Utah’s ban on same-sex marriage was doomed the moment the U.S. Supreme Court struck down Section 3 of the Defense of Marriage Act last June. This is not simply the opinion of advocates for equality. It was the conclusion of conservative Justice Antonin Scalia, who grudgingly acknowledged "the view that this Court will take of state prohibition of same-sex marriage is indicated beyond mistaking."
The constitutional law of this country now protects the fundamental rights of all citizens and LGBT families are no longer strangers to the law.
That being true, the arrival of marriage equality in Utah is no longer beyond the horizon. On Friday, motions for summary judgment were filed in a federal court case calling for the invalidation of Amendment 3, Utah’s ban on same-sex marriage.
The state of Utah currently enforces a comprehensive system of laws that denigrate LGBT Utahns through every stage in life. From the moment a child has an inkling of being gay, during adolescence, throughout adulthood and all the way to the grave, LGBT Utahns are haunted by state laws that deny their existence, demean them as lesser human beings, and denigrate their lives and family relationships.
Amendment 3, which denies same-sex couples access to the rights, responsibilities, and benefits of civil marriage, is the lynchpin of Utah’s system of discrimination. It not only prohibits the recognition of gay relationships but also effectively prohibits gay couples from jointly adopting children they are raising.
Fortunately, Utah’s Amendment 3 appears destined to be invalidated by the courts and tossed into the dustbin of history. As Justice Scalia recognized, "The [Supreme Court’s] majority [ruling] arms well every challenger to a state law restricting marriage to its traditional definition."
The U.S. Supreme Court held that it was unconstitutional for the federal government to discriminate against gay citizens by adopting a definition of marriage that excluded gay couples. The logic and reasoning of the U.S. Supreme Court’s decision applies equally to Utah’s attempt to exclude the LGBT community from the institution of marriage. The federal Defense of Marriage Act and Utah’s Amendment 3 are equally unconstitutional.

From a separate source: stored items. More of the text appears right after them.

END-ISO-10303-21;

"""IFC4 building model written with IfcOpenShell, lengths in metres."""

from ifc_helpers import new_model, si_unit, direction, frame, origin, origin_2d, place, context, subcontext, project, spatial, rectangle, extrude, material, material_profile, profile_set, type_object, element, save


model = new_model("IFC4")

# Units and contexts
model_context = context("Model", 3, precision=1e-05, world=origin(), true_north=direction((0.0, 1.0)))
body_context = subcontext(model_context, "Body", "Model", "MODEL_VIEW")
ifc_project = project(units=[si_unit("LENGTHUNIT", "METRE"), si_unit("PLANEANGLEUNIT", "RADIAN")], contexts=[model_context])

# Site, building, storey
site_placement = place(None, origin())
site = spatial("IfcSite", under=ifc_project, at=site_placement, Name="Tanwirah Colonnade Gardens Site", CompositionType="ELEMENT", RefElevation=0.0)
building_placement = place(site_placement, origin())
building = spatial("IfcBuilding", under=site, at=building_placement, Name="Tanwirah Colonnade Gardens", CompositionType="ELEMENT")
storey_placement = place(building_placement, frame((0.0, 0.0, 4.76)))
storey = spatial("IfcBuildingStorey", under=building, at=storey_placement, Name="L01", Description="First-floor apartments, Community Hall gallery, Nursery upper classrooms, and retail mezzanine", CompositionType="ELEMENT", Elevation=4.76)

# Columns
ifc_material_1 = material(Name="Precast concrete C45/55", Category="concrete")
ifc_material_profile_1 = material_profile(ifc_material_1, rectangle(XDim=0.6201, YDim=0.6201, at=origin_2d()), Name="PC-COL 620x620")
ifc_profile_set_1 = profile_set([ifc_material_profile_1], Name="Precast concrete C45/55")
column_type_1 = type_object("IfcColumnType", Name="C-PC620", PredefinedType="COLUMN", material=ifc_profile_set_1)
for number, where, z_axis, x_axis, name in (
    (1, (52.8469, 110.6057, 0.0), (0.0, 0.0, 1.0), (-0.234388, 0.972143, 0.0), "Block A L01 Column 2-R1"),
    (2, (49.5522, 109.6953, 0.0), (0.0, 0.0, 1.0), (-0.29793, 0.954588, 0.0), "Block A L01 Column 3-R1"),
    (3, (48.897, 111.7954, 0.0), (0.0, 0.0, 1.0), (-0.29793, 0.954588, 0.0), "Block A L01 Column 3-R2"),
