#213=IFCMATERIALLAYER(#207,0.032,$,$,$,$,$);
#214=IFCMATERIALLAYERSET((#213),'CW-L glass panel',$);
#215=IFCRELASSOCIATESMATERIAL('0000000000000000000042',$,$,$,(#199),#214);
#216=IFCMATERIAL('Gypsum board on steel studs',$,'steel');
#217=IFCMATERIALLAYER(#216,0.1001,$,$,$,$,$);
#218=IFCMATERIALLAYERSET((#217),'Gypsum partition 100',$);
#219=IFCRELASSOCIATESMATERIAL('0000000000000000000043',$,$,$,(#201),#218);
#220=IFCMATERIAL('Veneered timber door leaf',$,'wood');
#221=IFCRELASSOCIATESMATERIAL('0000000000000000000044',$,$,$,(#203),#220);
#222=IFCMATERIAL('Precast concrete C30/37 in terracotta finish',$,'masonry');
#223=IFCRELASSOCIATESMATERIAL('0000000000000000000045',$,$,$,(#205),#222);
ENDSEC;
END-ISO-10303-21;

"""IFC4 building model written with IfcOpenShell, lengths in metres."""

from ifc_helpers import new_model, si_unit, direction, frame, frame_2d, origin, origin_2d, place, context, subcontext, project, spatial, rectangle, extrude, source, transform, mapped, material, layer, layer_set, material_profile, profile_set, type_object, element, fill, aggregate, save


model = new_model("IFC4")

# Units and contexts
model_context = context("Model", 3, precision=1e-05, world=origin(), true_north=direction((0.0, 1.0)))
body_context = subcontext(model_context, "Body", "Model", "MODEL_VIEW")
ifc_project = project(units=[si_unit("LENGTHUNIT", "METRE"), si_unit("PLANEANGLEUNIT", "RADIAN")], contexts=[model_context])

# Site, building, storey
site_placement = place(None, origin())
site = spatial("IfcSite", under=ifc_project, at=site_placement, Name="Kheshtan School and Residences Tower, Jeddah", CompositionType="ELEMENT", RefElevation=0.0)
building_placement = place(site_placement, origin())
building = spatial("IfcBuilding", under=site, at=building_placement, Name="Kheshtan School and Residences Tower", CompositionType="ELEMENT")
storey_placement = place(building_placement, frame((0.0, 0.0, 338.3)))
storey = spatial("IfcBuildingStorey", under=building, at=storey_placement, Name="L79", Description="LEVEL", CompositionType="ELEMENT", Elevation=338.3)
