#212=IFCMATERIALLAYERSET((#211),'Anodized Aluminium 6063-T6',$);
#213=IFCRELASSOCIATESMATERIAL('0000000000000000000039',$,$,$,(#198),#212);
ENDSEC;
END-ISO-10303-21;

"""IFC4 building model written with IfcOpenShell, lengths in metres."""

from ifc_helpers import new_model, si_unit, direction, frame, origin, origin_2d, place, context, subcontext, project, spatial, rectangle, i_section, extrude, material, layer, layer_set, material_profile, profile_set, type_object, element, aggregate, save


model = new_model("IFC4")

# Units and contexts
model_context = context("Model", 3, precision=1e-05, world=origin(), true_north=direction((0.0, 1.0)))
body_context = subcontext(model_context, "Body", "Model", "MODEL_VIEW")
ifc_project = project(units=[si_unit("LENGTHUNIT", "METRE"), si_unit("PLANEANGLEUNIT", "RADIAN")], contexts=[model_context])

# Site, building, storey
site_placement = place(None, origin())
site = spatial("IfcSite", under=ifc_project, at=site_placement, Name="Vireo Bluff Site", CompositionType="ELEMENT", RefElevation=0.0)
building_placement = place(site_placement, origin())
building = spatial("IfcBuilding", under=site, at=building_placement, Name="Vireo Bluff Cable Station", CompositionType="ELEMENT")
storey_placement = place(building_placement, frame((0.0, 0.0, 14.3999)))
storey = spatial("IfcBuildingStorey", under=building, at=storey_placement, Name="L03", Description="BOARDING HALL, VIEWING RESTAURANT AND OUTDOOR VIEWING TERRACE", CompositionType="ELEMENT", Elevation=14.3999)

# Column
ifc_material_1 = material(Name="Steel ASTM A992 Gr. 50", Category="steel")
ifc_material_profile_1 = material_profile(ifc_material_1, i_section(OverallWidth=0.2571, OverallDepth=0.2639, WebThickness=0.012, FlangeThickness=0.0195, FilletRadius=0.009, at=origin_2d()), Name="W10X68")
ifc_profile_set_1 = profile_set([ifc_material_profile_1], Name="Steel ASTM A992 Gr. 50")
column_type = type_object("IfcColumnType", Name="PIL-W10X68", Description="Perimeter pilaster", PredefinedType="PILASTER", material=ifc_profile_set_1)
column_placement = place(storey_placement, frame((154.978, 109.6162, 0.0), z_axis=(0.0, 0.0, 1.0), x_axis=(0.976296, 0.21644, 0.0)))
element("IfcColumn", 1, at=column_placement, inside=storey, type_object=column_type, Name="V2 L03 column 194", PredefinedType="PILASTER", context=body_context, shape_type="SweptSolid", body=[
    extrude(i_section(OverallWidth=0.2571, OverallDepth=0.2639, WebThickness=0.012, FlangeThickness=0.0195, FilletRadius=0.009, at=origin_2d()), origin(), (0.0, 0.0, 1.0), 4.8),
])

So unmistakable was the Supreme Court’s decision that state attorneys general in other states have decided that marriage discrimination provisions are now indefensible and unjustifiable. Unfortunately, Utah’s attorney general has decided to waste taxpayer resources in a doomed effort to defend Utah’s unconstitutional discrimination against LGBT citizens.
The U.S. Supreme Court considered and rejected the same set of tropes that the State of Utah is now using to defend Amendment 3. There can be no doubt that the invalidation of Amendment 3 was preordained by the Supreme Court’s decision against the Defense of Marriage Act.
Utah is fortunate to have uniformly excellent judges on its federal bench. The judges of Utah’s federal district court are conscientious, careful, and committed to applying the law as established by the highest court in our land.
Utahns should have confidence that these jurists, justified by the rule of law and their respect for the Constitution, will faithfully apply and sustain the law and will issue decisions borne not from personal views or personal preferences, but from the Constitution and decisions of the U.S. Supreme Court.
Justice Scalia, certainly no friend of marriage equality, has thrown up the white flag of surrender and acknowledged how federal district courts are now obliged to rule. As Justice Scalia wrote, "How easy it is, indeed how inevitable, to reach the same conclusion with regard to state laws denying same-sex couples marital status."
The inevitable will soon become reality when Utah’s federal district court applies the Supreme Court’s ruling to Utah’s discriminatory Amendment 3. Marriage equality is coming soon to Utah, and our state will be a better place when the LGBT community no longer suffers from discrimination and second-class citizenship.
Paul C. Burke, John W. Mackay, and Brett L. Tolman filed an amicus brief with the U.S. Supreme Court on behalf of the Utah Pride Center and a national coalition of equality groups earlier this year in its marriage cases.